Analysis

Poland ready to halt import of Russian gas

Poland is ready to ensure its energy supplies without importing gas from Russia due to the diversification of supplies and increasing LNG imports, Piotr Woźniak, the CEO of Poland’s state gas and oil company PGNiG has said.

Speaking in an interview with Polish daily Dziennik Gazeta Prawna, the PGNiG CEO said that the company had “done its homework” when it comes to diversifying gas imports, noting that PGNiG has signed contracts with US suppliers to buy LNG at a price which is 20-30 per cent lower than the price of gas from Russian energy giant Gazprom.

“From 2022, via the Baltic Pipe, with a planned capacity of 10 billion cubic metres, we will import around 2.5 million cubic metres natural gas from our own extraction on the Norwegian Continental Shelf,” wrote Polandin, quoting Mr Woźniak. “We will buy the rest of the fuel from the Norwegian market,” he added.

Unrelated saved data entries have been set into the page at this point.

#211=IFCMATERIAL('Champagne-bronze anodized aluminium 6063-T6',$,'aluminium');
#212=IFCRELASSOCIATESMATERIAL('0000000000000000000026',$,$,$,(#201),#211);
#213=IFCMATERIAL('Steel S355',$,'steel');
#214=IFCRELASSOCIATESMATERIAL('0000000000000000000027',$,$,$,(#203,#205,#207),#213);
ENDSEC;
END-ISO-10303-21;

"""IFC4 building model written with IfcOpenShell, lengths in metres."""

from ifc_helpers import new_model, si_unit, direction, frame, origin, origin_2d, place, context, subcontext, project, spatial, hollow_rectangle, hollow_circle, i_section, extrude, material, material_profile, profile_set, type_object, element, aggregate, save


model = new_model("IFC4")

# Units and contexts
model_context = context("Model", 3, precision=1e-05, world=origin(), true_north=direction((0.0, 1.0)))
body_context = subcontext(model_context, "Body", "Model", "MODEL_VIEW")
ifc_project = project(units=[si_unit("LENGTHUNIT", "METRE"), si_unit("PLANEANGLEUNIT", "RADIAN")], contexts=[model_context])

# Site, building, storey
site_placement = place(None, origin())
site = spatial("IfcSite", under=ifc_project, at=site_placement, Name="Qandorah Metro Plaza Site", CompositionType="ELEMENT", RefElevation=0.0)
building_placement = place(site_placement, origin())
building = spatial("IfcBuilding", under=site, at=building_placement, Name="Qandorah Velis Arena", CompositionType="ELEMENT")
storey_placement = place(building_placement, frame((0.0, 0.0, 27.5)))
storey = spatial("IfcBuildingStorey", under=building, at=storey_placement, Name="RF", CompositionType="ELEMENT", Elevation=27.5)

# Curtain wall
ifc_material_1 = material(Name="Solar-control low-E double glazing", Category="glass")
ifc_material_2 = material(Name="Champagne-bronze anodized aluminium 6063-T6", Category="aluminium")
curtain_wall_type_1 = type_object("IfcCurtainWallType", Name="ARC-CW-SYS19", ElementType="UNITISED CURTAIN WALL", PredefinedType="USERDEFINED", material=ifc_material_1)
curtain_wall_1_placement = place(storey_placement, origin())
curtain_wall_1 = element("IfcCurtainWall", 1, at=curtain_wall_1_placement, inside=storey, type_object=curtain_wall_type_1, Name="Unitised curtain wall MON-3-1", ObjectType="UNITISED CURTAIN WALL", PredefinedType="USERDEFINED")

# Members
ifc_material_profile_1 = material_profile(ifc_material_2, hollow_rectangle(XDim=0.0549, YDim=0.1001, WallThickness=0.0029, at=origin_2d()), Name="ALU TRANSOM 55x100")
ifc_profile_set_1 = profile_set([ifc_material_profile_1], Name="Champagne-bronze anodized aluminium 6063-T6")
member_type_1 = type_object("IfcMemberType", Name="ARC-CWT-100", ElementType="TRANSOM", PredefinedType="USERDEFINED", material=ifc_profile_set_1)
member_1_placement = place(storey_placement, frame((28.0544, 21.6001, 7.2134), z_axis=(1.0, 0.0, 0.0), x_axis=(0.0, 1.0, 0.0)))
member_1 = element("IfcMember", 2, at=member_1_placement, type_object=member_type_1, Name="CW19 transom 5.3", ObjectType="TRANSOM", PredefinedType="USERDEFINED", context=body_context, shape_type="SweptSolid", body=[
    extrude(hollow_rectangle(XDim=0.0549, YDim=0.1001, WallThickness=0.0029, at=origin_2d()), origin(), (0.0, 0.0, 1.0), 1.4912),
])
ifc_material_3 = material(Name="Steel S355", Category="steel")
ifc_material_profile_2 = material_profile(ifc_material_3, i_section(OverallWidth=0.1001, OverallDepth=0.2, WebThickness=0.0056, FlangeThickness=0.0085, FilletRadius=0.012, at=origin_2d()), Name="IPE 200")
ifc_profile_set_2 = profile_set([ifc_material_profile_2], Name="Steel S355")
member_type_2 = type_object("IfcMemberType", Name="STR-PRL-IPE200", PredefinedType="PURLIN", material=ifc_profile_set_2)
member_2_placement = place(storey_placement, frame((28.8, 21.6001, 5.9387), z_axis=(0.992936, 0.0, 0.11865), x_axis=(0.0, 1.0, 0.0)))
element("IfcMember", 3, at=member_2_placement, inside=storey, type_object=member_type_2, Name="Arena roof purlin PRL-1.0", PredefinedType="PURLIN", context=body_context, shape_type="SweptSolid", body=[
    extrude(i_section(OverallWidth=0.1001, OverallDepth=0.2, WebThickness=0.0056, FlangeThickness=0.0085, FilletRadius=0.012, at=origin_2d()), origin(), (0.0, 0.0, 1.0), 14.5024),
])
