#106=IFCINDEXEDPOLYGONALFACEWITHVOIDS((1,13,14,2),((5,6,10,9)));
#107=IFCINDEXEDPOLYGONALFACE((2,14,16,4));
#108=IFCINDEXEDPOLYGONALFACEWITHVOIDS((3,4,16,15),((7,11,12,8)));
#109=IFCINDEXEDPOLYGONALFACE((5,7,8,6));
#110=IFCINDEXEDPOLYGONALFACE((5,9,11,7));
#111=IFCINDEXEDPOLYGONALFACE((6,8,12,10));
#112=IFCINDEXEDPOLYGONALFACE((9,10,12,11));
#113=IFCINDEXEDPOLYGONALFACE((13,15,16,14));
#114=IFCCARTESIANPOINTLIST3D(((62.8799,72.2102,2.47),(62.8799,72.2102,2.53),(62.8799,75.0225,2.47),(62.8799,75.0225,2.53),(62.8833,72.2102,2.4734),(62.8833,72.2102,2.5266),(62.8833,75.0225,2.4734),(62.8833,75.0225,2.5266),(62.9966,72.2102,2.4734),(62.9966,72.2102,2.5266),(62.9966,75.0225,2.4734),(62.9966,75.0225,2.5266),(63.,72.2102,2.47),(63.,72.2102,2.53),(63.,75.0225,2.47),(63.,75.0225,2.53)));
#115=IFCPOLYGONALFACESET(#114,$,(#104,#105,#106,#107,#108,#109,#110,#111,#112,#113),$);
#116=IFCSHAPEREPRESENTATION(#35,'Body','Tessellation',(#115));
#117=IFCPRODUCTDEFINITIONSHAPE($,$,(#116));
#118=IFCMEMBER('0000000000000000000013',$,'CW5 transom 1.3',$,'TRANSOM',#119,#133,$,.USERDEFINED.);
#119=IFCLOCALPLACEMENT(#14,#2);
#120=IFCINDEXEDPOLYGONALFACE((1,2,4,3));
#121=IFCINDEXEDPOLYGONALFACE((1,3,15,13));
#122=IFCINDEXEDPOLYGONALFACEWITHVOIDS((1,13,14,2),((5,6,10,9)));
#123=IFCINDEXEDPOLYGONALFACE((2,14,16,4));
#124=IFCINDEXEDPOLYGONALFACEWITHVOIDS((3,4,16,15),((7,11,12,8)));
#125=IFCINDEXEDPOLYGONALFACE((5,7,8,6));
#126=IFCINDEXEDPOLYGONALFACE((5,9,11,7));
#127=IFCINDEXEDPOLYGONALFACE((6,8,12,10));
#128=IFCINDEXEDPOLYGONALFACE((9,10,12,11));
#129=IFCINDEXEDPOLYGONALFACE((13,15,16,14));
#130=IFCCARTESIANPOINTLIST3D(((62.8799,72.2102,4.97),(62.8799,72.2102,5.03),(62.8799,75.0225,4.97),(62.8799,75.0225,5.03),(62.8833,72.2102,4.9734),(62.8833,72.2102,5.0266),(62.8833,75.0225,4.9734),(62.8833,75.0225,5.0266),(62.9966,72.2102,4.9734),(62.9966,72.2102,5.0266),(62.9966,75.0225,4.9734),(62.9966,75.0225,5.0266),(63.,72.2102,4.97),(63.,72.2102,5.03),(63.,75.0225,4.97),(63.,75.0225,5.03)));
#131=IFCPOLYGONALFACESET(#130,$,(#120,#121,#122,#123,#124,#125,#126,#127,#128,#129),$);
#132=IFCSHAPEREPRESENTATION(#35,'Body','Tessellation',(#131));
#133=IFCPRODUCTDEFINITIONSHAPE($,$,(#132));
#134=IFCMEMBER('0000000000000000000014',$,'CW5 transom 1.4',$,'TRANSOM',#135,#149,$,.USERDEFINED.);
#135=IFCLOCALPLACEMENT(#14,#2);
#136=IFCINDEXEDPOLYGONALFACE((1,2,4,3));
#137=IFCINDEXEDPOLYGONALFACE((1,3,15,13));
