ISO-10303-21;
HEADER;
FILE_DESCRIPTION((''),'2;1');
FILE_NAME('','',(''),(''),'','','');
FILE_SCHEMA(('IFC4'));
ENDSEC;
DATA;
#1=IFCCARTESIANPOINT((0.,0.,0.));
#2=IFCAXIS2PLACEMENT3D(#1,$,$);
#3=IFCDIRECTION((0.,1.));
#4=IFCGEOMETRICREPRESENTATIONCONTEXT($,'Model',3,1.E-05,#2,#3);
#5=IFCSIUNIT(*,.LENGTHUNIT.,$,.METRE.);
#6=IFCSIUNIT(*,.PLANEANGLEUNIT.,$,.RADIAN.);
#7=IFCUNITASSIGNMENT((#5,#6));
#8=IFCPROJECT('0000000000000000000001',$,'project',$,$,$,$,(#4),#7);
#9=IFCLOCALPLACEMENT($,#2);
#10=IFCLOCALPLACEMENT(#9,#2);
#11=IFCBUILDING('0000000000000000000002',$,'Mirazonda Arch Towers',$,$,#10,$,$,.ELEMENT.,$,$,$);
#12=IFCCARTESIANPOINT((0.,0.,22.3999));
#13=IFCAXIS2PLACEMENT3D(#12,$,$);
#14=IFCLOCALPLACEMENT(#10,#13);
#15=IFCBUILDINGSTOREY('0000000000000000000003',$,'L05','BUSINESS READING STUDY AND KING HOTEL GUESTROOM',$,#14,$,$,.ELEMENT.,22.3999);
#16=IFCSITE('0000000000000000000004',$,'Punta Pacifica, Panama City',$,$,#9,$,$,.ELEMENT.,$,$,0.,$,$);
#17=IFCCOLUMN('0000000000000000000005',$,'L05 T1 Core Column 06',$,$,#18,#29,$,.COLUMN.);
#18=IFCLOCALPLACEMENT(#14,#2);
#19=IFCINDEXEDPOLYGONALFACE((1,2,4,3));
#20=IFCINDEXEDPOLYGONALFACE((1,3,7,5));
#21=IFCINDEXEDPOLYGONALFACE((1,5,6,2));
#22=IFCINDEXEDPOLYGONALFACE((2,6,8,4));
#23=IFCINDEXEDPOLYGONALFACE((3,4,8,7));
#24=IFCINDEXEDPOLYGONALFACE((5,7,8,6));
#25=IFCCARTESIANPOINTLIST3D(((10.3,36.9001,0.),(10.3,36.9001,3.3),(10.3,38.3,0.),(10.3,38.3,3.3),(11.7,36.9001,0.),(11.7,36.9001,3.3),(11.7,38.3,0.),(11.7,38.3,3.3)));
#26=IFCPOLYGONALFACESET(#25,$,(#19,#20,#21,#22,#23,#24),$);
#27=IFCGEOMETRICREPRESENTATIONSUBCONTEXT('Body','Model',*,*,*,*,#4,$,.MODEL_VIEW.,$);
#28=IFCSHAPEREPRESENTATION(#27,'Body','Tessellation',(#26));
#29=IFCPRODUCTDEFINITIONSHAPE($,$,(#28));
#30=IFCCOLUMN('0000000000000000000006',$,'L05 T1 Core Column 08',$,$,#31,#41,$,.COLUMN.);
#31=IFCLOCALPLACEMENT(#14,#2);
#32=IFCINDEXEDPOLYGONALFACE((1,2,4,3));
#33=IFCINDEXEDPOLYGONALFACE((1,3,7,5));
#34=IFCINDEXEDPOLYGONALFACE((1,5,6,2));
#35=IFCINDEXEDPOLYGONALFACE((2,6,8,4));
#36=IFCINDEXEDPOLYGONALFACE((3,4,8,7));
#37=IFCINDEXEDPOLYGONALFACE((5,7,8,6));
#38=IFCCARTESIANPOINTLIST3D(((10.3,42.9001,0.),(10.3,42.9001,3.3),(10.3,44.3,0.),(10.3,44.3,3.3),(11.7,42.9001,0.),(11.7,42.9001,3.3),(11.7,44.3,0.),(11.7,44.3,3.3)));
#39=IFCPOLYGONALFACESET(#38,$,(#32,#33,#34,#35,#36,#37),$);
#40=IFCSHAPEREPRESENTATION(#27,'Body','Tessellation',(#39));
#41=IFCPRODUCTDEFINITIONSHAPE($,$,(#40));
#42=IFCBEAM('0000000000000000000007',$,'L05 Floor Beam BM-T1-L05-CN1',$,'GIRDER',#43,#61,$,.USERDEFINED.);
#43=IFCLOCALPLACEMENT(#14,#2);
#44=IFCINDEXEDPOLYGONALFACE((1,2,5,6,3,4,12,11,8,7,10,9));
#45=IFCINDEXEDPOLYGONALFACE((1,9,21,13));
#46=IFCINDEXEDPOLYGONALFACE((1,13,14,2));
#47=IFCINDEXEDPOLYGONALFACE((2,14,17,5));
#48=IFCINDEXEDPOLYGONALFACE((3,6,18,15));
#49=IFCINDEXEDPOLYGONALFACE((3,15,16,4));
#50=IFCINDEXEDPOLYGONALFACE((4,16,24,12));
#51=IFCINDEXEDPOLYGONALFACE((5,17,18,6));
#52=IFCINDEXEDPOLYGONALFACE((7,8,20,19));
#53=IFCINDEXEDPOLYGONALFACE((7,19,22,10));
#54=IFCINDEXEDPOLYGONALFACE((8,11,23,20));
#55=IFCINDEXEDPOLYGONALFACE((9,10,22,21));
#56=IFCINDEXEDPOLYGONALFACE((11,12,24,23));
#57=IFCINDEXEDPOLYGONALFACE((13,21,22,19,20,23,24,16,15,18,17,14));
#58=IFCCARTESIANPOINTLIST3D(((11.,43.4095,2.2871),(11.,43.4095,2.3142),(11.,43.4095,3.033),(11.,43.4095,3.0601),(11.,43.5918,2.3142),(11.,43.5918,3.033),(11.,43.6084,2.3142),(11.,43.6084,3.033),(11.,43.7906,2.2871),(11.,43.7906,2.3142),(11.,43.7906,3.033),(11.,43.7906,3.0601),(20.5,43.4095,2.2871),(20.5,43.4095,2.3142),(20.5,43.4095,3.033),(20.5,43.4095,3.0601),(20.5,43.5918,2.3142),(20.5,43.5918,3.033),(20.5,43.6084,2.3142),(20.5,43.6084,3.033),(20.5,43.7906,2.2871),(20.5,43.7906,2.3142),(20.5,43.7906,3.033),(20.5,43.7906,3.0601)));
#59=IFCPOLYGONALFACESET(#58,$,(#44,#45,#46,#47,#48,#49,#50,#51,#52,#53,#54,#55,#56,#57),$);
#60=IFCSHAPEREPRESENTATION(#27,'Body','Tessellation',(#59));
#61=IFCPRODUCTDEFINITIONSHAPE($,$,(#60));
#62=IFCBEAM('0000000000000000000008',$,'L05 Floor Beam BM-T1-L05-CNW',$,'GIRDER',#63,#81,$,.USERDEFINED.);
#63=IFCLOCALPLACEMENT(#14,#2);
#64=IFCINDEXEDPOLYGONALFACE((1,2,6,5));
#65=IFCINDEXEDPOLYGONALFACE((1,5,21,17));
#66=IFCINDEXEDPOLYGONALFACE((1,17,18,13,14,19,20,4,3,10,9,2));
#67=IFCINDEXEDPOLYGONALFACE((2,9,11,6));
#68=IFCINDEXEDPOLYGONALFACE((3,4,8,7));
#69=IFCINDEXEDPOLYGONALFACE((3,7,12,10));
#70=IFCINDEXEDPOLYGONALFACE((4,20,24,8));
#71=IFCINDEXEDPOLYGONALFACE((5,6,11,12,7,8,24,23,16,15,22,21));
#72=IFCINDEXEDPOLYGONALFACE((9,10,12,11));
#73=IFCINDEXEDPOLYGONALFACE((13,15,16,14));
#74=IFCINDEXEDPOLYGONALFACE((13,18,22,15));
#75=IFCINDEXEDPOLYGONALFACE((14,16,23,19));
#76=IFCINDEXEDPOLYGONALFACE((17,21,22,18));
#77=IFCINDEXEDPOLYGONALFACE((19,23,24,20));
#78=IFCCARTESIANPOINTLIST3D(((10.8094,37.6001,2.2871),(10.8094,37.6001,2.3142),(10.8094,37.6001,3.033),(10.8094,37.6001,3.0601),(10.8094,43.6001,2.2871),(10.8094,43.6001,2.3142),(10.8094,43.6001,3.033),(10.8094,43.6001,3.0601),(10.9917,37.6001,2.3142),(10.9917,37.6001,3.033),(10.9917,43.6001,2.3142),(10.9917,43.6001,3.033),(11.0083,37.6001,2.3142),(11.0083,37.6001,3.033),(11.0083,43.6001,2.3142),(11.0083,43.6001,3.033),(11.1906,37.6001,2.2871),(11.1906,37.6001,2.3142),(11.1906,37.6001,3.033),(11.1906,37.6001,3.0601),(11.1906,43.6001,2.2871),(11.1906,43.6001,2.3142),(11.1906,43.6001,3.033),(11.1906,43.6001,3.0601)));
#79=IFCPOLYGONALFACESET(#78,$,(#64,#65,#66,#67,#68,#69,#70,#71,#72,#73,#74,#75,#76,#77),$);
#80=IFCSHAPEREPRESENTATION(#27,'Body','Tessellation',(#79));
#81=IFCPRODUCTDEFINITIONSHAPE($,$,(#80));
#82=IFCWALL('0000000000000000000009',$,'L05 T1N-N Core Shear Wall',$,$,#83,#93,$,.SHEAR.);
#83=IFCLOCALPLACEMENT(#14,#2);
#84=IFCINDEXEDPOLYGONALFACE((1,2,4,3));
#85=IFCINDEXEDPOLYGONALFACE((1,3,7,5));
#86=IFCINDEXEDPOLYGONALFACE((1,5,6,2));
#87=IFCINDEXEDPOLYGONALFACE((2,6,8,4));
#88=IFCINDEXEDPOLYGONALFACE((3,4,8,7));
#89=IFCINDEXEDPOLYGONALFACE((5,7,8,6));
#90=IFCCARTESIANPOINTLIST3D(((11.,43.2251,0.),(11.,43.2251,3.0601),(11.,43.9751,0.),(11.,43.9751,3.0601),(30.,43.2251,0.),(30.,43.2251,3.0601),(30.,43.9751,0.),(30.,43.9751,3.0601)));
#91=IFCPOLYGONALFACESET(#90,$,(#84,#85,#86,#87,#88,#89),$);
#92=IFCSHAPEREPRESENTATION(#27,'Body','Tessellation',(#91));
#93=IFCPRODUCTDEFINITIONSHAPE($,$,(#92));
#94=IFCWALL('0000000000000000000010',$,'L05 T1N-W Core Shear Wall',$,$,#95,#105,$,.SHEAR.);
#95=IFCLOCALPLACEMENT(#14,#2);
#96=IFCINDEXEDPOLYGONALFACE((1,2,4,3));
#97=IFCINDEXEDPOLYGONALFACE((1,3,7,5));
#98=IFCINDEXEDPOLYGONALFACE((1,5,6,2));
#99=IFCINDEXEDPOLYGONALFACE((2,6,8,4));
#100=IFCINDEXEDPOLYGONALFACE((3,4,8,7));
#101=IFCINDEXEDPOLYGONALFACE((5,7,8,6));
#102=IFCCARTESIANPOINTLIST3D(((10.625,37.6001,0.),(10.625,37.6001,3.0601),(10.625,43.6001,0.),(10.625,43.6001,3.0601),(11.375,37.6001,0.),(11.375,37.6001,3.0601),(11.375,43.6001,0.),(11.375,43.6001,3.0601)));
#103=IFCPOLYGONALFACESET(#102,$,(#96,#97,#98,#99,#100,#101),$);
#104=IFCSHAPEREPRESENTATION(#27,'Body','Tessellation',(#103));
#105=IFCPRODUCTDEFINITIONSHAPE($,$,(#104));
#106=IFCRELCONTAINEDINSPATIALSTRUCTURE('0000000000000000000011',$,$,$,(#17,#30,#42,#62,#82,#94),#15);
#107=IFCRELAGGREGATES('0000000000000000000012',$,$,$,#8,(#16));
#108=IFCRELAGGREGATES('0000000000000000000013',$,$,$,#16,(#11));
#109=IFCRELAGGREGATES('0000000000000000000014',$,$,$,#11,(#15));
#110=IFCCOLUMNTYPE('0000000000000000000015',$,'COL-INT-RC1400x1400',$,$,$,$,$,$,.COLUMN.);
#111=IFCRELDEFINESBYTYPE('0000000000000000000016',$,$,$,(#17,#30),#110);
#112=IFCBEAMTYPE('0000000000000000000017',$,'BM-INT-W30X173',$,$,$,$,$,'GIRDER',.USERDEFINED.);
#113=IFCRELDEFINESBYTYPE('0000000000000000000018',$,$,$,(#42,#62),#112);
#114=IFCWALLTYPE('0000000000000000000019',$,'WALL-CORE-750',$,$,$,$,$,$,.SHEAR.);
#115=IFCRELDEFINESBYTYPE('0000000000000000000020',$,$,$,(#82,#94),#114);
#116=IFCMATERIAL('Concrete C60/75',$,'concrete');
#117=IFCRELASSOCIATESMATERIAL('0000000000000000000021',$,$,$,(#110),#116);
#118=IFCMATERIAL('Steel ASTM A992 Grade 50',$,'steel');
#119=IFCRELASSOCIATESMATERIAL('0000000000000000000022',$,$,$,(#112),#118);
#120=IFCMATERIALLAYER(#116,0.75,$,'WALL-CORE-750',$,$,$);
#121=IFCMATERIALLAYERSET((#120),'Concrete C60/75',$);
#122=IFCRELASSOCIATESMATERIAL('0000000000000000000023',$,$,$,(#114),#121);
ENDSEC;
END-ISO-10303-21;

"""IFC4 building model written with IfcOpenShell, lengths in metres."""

from ifc_helpers import new_model, si_unit, direction, frame, frame_2d, origin, origin_2d, place, context, subcontext, project, spatial, rectangle, i_section, extrude, material, layer, layer_set, material_profile, profile_set, type_object, element, save


model = new_model("IFC4")

# Units and contexts
model_context = context("Model", 3, precision=1e-05, world=origin(), true_north=direction((0.0, 1.0)))
body_context = subcontext(model_context, "Body", "Model", "MODEL_VIEW")
ifc_project = project(units=[si_unit("LENGTHUNIT", "METRE"), si_unit("PLANEANGLEUNIT", "RADIAN")], contexts=[model_context])

# Site, building, storey
site_placement = place(None, origin())
site = spatial("IfcSite", under=ifc_project, at=site_placement, Name="Punta Pacifica, Panama City", CompositionType="ELEMENT", RefElevation=0.0)
building_placement = place(site_placement, origin())
building = spatial("IfcBuilding", under=site, at=building_placement, Name="Mirazonda Arch Towers", CompositionType="ELEMENT")
storey_placement = place(building_placement, frame((0.0, 0.0, 22.3999)))
storey = spatial("IfcBuildingStorey", under=building, at=storey_placement, Name="L05", Description="BUSINESS READING STUDY AND KING HOTEL GUESTROOM", CompositionType="ELEMENT", Elevation=22.3999)

# Columns
ifc_material_1 = material(Name="Concrete C60/75", Category="concrete")
ifc_material_profile_1 = material_profile(ifc_material_1, rectangle(XDim=1.3999, YDim=1.3999, at=origin_2d()), Name="RC1400x1400")
ifc_profile_set_1 = profile_set([ifc_material_profile_1], Name="Concrete C60/75")
column_type = type_object("IfcColumnType", Name="COL-INT-RC1400x1400", PredefinedType="COLUMN", material=ifc_profile_set_1)
for number, where, z_axis, x_axis, name in (
    (1, (11.0, 37.6001, 0.0), (0.0, 0.0, 1.0), (1.0, 0.0, 0.0), "L05 T1 Core Column 06"),
    (2, (11.0, 43.6001, 0.0), (0.0, 0.0, 1.0), (1.0, 0.0, 0.0), "L05 T1 Core Column 08"),
):
    element("IfcColumn", number, at=place(storey_placement, frame(where, z_axis=z_axis, x_axis=x_axis)), inside=storey, type_object=column_type, Name=name, PredefinedType="COLUMN", context=body_context, shape_type="SweptSolid", body=[
        extrude(rectangle(XDim=1.3999, YDim=1.3999, at=origin_2d()), origin(), (0.0, 0.0, 1.0), 3.3),
    ])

According to Mr Woźniak, new investments in the energy sector, such as the construction of a new gas-steam power unit in Warsaw with an annual capacity of 0.5 billion cubic metres of gas or the Dolna Odra power plant with a projected annual gas usage of one billion cubic metres, will be the drivers of the increase of gas consumption in Poland which he expects to grow by five billion cubic metres in the next few years, from the current annual usage of 18 billion.

On September 4, the Polish government announced that it did not plan to renew the Yamal Contract (the current Russian-Polish gas agreement), which expires in December 2022. If Poland wants to pull out from the deal, the government has to announce that it will do so by the end of 2019.